The Advocacy Commission of the Rastafari Council Ghana has outlined a policy roadmap to end cannabis prohibition and position the crop as a viable driver of economic growth, industrial development, and public health reform.
Speaking at the Fifth Rastafari Cannabis Conference in Accra, Professor Yegandi Imhotep Paul Alagidede, the Bank of Ghana Chair of Finance and Economics at the University of Ghana, said the proposed framework balances economic opportunity with regulatory safeguards, particularly around dependency risks and medical applications.
He explained that the first step, full decriminalisation, would remove criminal penalties associated with personal use, possession and small-scale cultivation, while shifting enforcement resources toward a public health-based regulatory system.
This, he argued, would reduce state expenditure on enforcement and incarceration while creating space for a structured cannabis market.
The second pathway focuses on formalising cultural use, particularly recognising Rastafari sacramental practices within Ghana’s legal framework.
According to Professor Alagidede, this would protect indigenous knowledge systems while integrating them into a regulated economic ecosystem.
A third recommendation centres on equity-driven licensing, prioritising local participation in the cannabis value chain.
He stressed that smallholder farmers and cooperatives should be given preferential access to cultivation and processing licenses to ensure that economic gains are retained domestically rather than dominated by foreign investors.
The fourth pathway highlights reparative justice, including the expungement of criminal records for non-violent cannabis-related offences.
Professor Alagidede noted that such measures would not only address historical inequities but also reduce the long-term economic burden on affected individuals and communities, enabling broader participation in the formal economy.
The final proposal calls for strategic state investment in cannabis research, innovation and industrialisation, positioning Ghana as a leader in Africa’s emerging cannabis economy.
This includes developing pharmaceutical applications, industrial hemp products and export-ready value chains.
He referenced provisions in the Narcotics Control Commission Act, 2020 (Act 1019), which currently allow regulated cultivation of cannabis with THC levels below 0.3 percent for industrial and medicinal purposes.
However, recreational use remains prohibited under the law, limiting the sector’s full economic potential.
Professor Alagidede argued that prohibition has not achieved its intended policy outcomes, pointing to high usage rates despite strict enforcement.
He cited data indicating that approximately 21.5 percent of Ghanaians aged 15 to 64 have used cannabis, suggesting that demand persists outside formal regulation.
From an economic perspective, he emphasised that a regulated cannabis industry could unlock significant revenue streams.

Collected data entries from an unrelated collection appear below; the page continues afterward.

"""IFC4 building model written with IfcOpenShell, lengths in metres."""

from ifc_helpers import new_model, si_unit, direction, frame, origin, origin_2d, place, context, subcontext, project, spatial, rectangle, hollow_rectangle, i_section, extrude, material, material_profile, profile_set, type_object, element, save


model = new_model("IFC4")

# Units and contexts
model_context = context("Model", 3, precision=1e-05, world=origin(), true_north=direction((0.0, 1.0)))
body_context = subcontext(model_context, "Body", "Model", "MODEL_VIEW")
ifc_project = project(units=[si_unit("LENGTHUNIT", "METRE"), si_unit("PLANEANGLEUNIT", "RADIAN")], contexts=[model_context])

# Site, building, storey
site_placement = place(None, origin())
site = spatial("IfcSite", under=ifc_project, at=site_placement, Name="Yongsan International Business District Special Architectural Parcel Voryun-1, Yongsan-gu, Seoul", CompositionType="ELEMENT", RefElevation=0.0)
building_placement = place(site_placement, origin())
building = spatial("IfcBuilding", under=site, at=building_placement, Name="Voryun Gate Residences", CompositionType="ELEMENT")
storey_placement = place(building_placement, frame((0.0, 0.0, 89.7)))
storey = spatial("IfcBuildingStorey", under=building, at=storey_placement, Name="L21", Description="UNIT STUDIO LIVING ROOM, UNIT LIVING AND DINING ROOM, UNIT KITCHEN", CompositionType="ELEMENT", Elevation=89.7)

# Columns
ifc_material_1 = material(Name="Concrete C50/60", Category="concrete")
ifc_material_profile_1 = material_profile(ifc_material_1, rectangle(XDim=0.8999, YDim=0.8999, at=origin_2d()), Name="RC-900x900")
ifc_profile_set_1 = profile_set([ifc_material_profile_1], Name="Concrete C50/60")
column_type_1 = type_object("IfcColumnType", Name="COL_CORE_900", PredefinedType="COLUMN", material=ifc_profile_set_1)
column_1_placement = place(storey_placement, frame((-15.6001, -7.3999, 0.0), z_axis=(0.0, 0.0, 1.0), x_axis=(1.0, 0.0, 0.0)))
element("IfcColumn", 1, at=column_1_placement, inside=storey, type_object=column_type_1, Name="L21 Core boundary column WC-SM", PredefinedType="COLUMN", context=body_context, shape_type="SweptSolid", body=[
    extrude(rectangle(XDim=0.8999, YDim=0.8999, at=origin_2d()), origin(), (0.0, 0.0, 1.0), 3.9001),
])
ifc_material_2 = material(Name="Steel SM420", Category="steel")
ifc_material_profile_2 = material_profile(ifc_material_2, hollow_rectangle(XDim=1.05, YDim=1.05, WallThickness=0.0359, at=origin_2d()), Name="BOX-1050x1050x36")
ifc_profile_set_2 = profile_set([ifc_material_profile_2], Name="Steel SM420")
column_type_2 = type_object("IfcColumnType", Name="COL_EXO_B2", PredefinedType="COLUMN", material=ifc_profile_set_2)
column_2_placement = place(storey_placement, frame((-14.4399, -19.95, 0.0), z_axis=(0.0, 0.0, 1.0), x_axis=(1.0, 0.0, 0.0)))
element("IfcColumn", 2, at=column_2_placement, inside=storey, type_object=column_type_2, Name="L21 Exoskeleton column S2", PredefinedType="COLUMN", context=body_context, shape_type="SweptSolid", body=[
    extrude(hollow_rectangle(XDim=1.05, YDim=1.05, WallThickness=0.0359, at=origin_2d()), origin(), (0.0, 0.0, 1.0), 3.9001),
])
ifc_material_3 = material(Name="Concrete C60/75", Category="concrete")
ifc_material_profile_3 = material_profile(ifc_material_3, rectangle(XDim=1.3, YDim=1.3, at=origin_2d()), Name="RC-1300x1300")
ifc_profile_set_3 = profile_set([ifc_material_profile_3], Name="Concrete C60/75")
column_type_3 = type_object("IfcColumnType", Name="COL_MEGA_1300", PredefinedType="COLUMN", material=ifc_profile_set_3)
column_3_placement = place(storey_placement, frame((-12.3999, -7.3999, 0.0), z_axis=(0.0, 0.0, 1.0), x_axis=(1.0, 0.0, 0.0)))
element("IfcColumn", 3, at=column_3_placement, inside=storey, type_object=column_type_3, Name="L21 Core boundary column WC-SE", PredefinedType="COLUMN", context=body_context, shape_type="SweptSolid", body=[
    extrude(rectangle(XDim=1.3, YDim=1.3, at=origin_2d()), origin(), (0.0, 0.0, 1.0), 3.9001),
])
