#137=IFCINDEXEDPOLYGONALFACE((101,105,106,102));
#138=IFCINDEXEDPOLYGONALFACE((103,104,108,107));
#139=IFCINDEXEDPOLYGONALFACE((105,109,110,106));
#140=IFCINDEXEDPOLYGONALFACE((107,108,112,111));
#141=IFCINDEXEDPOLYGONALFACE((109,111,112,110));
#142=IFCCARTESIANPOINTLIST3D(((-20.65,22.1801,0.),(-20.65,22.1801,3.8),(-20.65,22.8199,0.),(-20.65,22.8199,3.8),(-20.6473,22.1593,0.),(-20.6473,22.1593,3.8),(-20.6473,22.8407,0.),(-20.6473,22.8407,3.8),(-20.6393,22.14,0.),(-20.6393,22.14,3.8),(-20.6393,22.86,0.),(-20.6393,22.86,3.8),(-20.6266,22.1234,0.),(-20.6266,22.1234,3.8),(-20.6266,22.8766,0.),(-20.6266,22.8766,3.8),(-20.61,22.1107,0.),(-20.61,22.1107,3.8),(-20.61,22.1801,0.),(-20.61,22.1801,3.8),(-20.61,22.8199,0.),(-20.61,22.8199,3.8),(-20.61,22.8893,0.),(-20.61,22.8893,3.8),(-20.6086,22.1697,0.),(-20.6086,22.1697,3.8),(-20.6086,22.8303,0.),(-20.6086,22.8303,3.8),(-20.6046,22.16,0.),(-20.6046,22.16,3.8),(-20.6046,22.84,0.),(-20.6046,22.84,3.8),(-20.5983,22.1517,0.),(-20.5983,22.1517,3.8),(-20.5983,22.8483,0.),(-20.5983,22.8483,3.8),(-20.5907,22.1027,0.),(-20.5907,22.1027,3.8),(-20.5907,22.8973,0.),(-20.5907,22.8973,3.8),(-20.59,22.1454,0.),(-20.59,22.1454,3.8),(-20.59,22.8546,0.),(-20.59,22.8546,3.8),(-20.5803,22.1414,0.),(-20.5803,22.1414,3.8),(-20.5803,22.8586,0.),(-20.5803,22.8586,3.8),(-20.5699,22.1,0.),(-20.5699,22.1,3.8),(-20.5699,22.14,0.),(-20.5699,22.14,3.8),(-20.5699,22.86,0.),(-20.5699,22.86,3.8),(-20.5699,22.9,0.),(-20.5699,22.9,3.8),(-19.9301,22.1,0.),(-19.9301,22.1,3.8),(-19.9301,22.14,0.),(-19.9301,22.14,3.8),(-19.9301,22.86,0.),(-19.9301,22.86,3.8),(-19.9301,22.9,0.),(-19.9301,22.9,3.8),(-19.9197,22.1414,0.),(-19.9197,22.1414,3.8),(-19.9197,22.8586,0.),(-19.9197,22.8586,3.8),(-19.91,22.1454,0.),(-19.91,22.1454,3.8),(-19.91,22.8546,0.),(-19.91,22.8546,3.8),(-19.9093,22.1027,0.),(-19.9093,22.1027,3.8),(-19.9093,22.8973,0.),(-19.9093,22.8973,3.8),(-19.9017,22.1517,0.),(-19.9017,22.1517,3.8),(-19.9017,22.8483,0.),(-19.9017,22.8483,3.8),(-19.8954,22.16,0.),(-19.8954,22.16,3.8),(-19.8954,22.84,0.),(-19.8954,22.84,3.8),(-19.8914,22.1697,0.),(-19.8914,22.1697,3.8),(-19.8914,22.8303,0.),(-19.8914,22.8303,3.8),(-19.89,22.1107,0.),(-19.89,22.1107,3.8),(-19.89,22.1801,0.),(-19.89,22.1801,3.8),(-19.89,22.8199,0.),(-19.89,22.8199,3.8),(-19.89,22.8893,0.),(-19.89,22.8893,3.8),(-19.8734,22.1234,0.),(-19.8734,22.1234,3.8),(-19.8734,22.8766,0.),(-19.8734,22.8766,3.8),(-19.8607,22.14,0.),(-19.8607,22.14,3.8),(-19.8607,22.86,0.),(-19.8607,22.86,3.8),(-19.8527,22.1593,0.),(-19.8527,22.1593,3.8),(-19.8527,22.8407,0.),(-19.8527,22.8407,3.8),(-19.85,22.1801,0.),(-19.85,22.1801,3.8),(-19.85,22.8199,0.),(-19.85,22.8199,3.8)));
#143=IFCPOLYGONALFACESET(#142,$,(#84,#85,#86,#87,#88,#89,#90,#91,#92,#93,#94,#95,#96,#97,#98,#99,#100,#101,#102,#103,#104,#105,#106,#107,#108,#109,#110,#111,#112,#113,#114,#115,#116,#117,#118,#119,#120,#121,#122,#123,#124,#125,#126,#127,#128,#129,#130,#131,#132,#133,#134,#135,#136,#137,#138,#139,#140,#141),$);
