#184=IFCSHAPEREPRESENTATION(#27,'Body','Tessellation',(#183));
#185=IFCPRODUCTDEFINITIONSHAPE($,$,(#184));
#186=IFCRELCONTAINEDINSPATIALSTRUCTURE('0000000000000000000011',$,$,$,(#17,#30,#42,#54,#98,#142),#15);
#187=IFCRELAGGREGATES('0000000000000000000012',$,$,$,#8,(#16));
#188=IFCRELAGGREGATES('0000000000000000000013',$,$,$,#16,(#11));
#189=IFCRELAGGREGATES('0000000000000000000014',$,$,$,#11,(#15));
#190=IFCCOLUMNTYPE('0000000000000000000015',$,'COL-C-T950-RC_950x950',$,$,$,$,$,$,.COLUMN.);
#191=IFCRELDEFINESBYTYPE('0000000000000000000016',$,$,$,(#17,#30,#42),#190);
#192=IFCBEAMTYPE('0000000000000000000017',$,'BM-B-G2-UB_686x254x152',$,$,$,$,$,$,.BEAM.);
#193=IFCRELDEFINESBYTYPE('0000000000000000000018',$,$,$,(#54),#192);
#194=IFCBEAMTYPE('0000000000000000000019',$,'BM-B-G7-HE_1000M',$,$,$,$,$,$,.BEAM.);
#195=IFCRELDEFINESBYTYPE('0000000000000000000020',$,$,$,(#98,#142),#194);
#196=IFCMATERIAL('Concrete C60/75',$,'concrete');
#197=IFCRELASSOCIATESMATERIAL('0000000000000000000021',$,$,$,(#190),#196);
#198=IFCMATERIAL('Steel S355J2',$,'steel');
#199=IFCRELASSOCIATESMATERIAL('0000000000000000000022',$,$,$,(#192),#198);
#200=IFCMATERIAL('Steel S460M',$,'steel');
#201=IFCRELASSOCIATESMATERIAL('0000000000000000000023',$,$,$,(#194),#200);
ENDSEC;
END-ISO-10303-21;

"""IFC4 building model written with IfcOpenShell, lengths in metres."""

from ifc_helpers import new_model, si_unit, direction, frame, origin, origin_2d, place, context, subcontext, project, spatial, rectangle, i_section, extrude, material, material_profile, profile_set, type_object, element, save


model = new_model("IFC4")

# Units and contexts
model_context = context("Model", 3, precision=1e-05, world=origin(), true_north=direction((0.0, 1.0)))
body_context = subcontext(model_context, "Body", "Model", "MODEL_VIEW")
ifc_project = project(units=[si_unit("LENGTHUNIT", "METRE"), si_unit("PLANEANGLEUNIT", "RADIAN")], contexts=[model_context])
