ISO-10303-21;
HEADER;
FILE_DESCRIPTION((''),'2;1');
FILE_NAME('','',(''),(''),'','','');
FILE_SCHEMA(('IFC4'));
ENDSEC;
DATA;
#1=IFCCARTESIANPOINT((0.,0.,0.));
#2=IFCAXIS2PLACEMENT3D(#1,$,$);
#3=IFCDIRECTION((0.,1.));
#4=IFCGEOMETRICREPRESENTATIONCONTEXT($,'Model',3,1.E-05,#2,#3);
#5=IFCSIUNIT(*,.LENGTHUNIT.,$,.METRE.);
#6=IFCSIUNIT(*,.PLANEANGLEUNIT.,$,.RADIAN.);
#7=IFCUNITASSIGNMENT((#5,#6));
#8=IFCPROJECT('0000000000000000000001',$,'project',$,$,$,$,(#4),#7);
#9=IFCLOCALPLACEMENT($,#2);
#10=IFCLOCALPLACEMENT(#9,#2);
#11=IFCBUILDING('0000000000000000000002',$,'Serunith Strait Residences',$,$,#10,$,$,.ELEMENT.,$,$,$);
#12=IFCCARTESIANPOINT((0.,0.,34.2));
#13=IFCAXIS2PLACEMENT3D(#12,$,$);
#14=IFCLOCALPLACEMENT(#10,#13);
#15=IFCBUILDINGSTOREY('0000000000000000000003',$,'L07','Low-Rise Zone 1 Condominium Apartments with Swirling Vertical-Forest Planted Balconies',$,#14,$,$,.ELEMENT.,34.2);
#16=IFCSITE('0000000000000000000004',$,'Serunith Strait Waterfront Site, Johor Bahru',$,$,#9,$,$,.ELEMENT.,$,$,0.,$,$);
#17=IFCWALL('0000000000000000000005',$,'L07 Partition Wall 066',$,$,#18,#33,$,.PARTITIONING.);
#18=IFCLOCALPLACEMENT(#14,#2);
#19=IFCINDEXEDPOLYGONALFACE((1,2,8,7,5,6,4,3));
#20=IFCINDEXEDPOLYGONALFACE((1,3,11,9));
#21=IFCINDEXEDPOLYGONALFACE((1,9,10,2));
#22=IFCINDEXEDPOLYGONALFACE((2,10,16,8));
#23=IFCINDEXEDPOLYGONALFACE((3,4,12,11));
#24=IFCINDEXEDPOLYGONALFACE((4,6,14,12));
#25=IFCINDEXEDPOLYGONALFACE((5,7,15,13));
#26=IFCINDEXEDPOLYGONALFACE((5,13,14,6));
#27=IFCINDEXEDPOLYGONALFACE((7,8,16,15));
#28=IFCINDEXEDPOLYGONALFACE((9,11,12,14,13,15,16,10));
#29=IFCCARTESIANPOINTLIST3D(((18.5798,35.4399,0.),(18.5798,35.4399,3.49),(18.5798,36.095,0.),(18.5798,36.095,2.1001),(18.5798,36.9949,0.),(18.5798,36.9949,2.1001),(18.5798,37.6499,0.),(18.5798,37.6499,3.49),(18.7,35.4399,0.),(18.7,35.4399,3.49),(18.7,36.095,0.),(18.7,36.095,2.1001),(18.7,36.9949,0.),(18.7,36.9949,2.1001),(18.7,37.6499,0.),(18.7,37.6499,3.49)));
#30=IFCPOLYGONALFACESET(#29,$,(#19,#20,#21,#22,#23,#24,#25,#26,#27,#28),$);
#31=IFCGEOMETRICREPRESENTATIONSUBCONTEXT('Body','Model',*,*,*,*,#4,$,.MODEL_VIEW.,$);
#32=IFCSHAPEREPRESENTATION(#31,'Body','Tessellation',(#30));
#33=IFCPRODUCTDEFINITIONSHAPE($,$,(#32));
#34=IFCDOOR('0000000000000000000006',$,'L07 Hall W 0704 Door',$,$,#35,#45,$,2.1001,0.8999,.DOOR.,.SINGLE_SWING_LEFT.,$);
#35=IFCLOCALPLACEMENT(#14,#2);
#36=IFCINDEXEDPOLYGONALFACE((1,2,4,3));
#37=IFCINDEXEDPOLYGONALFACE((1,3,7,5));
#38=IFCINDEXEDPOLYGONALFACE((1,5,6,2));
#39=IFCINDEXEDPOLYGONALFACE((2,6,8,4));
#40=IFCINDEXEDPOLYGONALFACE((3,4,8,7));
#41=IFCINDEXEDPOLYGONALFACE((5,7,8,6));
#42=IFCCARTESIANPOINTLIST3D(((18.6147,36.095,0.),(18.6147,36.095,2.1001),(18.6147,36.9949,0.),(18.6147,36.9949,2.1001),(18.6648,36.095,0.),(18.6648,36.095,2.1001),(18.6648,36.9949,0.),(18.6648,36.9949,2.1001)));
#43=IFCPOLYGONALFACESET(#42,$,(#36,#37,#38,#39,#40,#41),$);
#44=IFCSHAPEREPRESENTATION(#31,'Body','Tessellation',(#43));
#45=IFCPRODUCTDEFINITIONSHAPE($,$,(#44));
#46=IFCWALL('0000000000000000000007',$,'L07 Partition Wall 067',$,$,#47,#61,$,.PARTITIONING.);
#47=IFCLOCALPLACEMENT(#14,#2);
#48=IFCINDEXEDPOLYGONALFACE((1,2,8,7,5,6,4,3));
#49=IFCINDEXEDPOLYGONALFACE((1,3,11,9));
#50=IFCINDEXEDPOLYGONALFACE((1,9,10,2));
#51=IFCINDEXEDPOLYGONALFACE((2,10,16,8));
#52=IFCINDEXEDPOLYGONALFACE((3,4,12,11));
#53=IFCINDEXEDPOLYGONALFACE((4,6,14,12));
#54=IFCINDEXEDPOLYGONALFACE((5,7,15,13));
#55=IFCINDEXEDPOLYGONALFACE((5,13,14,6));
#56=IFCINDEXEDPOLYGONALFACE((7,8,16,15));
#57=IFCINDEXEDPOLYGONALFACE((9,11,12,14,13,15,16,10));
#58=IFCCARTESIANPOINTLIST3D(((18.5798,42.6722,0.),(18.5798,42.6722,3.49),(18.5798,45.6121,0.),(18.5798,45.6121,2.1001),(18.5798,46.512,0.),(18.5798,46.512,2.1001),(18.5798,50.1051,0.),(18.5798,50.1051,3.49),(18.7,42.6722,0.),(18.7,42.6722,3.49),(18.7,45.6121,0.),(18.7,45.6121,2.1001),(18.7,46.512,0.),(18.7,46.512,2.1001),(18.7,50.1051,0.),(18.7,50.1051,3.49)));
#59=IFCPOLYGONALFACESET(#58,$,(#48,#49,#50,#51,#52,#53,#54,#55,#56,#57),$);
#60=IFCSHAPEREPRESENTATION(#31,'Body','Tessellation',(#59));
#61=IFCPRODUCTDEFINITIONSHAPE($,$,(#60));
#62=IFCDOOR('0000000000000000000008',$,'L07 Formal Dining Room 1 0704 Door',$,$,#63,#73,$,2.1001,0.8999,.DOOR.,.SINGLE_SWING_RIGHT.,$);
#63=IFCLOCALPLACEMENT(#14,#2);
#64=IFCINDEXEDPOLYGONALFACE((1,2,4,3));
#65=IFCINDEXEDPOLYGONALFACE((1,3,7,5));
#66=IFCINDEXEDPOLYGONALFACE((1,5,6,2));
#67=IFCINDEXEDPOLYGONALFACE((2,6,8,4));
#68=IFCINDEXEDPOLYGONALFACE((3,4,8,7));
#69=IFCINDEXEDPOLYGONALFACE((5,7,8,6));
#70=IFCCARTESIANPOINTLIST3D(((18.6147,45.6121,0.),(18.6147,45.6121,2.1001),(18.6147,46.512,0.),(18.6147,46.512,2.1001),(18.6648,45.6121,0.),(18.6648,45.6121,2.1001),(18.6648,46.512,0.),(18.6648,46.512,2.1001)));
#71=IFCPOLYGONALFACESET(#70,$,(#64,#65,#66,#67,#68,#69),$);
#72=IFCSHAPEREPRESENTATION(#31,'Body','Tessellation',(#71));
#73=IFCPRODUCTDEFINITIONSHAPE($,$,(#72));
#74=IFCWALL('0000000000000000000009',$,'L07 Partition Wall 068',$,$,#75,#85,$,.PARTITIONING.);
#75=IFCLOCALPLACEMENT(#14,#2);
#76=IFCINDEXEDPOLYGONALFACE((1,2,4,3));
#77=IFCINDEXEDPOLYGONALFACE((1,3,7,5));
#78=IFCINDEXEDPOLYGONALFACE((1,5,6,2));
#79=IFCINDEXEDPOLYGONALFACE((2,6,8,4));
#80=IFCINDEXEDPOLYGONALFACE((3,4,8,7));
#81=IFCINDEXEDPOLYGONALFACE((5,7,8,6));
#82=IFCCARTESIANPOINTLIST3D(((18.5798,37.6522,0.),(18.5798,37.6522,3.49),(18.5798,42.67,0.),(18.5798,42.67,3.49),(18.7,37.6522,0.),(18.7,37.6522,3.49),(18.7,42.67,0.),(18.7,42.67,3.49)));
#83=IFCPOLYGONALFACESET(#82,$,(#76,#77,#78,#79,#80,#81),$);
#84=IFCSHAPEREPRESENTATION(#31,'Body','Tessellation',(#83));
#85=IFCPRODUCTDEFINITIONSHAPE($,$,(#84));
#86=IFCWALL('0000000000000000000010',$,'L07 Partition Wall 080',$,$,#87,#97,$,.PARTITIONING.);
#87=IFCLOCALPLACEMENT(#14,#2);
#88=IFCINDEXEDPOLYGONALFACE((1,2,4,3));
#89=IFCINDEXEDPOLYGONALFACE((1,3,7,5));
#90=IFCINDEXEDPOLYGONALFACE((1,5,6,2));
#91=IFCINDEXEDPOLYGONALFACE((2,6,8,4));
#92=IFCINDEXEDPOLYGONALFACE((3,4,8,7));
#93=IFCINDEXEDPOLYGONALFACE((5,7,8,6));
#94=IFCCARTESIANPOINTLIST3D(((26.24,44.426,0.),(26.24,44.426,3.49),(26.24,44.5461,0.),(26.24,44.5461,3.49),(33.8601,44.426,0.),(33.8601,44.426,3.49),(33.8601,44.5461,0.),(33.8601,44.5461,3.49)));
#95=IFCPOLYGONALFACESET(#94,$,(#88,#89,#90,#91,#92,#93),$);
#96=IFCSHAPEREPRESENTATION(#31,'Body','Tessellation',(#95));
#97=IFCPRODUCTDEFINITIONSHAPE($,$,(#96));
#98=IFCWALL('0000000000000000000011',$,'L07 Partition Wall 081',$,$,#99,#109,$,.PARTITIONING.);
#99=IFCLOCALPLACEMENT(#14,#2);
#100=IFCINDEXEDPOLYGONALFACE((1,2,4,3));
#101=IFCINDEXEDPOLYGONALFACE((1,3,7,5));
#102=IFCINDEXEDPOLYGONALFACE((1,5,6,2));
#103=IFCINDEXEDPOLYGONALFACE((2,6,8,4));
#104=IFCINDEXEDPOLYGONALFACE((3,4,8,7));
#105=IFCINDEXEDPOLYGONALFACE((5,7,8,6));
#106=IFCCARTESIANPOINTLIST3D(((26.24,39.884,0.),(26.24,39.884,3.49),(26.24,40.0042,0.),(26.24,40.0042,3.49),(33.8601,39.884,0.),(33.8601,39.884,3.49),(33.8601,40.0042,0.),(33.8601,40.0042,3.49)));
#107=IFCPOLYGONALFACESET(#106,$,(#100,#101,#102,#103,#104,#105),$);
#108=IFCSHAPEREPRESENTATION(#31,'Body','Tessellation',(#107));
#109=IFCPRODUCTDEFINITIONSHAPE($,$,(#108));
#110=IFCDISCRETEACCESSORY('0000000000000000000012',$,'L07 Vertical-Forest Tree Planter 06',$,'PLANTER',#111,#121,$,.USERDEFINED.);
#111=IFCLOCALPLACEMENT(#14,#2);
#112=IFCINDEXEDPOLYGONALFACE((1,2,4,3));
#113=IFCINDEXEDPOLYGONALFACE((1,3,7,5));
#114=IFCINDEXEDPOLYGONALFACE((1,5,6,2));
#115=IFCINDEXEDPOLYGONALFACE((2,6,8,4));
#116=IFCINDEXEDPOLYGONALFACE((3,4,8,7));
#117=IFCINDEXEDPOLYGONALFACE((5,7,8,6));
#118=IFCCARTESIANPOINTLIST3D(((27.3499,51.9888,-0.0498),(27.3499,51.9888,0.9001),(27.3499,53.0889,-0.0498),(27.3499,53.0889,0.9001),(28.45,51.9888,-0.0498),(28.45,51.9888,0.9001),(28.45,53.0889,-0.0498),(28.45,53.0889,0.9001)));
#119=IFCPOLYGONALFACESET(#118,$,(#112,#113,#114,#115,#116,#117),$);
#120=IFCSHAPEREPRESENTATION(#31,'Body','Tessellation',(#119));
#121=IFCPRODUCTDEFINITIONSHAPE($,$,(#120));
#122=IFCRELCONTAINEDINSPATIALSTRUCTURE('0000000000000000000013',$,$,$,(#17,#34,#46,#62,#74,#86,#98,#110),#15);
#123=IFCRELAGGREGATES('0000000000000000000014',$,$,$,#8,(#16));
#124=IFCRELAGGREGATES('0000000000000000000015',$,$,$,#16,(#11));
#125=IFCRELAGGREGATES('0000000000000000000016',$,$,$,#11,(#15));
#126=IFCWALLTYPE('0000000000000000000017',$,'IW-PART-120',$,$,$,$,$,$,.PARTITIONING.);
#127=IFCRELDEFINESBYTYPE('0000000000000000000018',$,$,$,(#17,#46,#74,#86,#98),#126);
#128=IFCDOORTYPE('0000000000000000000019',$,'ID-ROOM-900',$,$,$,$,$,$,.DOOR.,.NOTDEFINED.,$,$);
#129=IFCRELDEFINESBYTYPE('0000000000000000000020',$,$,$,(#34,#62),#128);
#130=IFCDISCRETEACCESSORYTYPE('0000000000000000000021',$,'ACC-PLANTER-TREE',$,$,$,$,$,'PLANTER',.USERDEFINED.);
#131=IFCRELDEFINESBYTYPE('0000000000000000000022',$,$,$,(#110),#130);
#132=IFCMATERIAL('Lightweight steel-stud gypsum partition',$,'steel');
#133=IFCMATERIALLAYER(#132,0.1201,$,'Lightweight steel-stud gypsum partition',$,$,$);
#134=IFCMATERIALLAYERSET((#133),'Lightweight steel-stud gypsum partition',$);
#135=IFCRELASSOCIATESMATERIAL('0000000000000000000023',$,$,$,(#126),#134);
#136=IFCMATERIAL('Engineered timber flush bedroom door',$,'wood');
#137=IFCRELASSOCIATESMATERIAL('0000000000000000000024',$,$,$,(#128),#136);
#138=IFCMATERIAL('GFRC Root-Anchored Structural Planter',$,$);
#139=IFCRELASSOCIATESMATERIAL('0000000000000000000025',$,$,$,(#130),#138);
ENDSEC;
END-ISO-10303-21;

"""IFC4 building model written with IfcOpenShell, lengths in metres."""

from ifc_helpers import new_model, si_unit, direction, frame, frame_2d, origin, origin_2d, place, context, subcontext, project, spatial, rectangle, extrude, source, transform, mapped, material, layer, layer_set, type_object, element, fill, save


model = new_model("IFC4")

# Units and contexts
model_context = context("Model", 3, precision=1e-05, world=origin(), true_north=direction((0.0, 1.0)))
body_context = subcontext(model_context, "Body", "Model", "MODEL_VIEW")
ifc_project = project(units=[si_unit("LENGTHUNIT", "METRE"), si_unit("PLANEANGLEUNIT", "RADIAN")], contexts=[model_context])

# Site, building, storey
site_placement = place(None, origin())
site = spatial("IfcSite", under=ifc_project, at=site_placement, Name="Serunith Strait Waterfront Site, Johor Bahru", CompositionType="ELEMENT", RefElevation=0.0)
building_placement = place(site_placement, origin())
building = spatial("IfcBuilding", under=site, at=building_placement, Name="Serunith Strait Residences", CompositionType="ELEMENT")
storey_placement = place(building_placement, frame((0.0, 0.0, 34.2)))
storey = spatial("IfcBuildingStorey", under=building, at=storey_placement, Name="L07", Description="Low-Rise Zone 1 Condominium Apartments with Swirling Vertical-Forest Planted Balconies", CompositionType="ELEMENT", Elevation=34.2)

# Shared definitions
ifc_material_1 = material(Name="Lightweight steel-stud gypsum partition", Category="steel")
ifc_layer_1 = layer(ifc_material_1, 0.1201, Name="Lightweight steel-stud gypsum partition")
ifc_layer_set_1 = layer_set([ifc_layer_1], Name="Lightweight steel-stud gypsum partition")
wall_type = type_object("IfcWallType", Name="IW-PART-120", PredefinedType="PARTITIONING", material=ifc_layer_set_1)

Estimates presented at the conference indicate that Ghana could generate between GH¢2.1 billion and GH¢15.5 billion annually through cultivation, processing, and export activities if the sector is fully developed.
Mr Sedem Ofori, a researcher and anti-prohibition advocate, reinforced the economic argument, urging policymakers to reclassify cannabis particularly for medical and industrial use as an agricultural-industrial commodity.
He said such a shift would align cannabis with mainstream agribusiness policy frameworks, enabling investment, financing and large-scale production.
He also highlighted the fiscal cost of prohibition, noting that cannabis-related offences continue to contribute to prison overcrowding and public spending pressures. With the annual cost of maintaining an inmate estimated between $1,500 and $2,500, he argued that decriminalisation could yield immediate budgetary savings while redirecting resources into productive sectors.
Stakeholders at the conference concluded that Ghana stands at a policy crossroads, where regulatory reform could transform cannabis from a controlled substance into a high-value economic asset within agriculture, pharmaceuticals and manufacturing.